I made a Coopers Dark Ale (Only made one so I cannot compare with others)

Normal BE2 plus 250 grams brown sugar
+ Danstar West Coast Ale Yeast BRY 97

This is probably the best beer I have made. The head is great, lasts tell the end and the taste is a good bitterness but a nice hint of

sweetness - delicious.

I have found a lot of kit beers or the beers I have made) to have an after taste bitterness in the throat - but not this one - so I can only

put it down to the yeast.

Can kit yeasts be a bit more 'bitter' (after taste - not the bitterness) ?

I did use 250 grams brown sugar...can that make a difference, I would have thought not a lot ?


Thanks


----------



## trustyrusty (10/4/16)

Bump -

What really mean is can the yeast make a huge difference in flavour profile - I have not used much of different yeasts so I don;t know the flavour profiles. I know that Jack Daniels has used the same yeast for 160 years so I assume makes a difference in taste.

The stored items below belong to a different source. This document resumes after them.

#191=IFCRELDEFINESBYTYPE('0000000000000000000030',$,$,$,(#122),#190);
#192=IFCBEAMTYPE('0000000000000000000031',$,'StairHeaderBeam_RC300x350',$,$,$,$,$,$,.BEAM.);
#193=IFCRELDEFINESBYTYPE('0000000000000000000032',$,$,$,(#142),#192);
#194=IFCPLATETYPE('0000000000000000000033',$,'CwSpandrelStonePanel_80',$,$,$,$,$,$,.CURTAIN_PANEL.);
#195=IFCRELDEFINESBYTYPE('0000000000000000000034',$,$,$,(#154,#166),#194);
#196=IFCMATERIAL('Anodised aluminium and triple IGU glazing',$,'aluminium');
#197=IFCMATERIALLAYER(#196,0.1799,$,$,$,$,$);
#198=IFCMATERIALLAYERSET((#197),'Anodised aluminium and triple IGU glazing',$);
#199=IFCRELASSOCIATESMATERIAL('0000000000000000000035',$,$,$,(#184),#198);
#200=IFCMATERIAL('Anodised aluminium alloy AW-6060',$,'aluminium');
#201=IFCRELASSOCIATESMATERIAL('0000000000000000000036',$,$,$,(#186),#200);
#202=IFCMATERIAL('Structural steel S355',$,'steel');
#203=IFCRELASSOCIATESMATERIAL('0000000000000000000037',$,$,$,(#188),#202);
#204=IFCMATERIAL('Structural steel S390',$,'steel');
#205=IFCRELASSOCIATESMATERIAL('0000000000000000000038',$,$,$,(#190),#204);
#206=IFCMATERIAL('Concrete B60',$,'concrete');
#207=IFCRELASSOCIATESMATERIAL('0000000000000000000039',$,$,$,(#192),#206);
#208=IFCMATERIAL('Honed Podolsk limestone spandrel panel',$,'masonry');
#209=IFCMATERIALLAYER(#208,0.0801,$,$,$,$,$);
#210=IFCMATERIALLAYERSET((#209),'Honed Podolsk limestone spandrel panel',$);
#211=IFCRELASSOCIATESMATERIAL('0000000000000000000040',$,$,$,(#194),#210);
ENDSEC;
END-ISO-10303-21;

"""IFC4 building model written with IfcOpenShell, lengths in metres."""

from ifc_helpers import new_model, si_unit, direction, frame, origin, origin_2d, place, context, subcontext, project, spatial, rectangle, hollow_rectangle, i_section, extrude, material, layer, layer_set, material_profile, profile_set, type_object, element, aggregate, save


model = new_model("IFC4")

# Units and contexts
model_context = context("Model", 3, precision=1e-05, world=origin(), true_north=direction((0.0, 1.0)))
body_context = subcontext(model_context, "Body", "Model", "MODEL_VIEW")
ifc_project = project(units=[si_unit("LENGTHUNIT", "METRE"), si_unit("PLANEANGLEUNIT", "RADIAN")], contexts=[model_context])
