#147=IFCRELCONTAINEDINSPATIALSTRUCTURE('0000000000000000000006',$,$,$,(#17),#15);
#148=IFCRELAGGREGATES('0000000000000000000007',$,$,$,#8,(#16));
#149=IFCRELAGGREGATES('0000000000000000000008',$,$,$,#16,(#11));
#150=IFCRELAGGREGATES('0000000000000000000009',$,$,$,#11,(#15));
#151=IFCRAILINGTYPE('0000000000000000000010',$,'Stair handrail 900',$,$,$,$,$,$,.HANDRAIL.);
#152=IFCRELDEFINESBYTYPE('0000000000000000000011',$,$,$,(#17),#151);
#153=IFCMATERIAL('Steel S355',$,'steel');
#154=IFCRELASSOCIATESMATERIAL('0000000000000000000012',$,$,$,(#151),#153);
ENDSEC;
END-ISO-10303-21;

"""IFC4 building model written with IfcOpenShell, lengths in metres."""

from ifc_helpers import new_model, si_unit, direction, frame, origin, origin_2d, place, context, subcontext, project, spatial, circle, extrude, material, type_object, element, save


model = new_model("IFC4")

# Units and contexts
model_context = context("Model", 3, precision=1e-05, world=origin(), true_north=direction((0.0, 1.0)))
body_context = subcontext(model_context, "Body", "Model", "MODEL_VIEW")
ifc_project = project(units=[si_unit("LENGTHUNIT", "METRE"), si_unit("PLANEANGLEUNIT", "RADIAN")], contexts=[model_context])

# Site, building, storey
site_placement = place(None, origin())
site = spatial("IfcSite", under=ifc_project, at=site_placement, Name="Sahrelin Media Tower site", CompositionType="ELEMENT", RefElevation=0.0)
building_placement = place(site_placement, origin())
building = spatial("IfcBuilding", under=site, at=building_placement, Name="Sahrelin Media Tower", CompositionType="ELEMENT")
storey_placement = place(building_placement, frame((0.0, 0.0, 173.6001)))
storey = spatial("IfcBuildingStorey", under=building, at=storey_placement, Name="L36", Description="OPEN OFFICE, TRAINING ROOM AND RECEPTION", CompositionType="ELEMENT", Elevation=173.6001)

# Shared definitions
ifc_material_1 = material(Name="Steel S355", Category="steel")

The issue with using a yeast other than a kit is that you need temp. control as the range of temperature is less.


----------



## manticle (10/4/16)

Absolutely - yeast strain, yeast health and cell numbers as well as how the yeast is treated during fermentation will make a huge difference to final beer flavour.


----------



## butisitart (10/4/16)

you'll find an awful lot of brewers have got 5+ different washed yeasts in the fridge ready to go - eg i've got
nottingham
irish ale
german ale
belgian ardennes
wehenstephan wheat
and soon to get some scottish ale.

they all quite different and raise the options of what you can do.
my oldest would be irish and german ales - going strong at around 15mnths, and i've used both on aus and english styles, so it's not like you're locked into anything.
if you learn to wash, store and do yeast starters, it lifts the whole brew experience.


----------



## dr K (10/4/16)

Kit yeast should not give you a bitter taste, but aside from that it is a very basic yeast that has not been stored well.
Even dry yeast should be refrigerated.
Dry yeast from Fermentis and Lallemand are of high quality and not expensive, but are limited in range.
The big step is liquids and these are readily available for between $10 and $14 a pack (or less).

K


----------



## trustyrusty (11/4/16)

Hi Guys,

yes I trying new yeasts -

I have washed this yeast US05 and have 2 bottles (1.25 l)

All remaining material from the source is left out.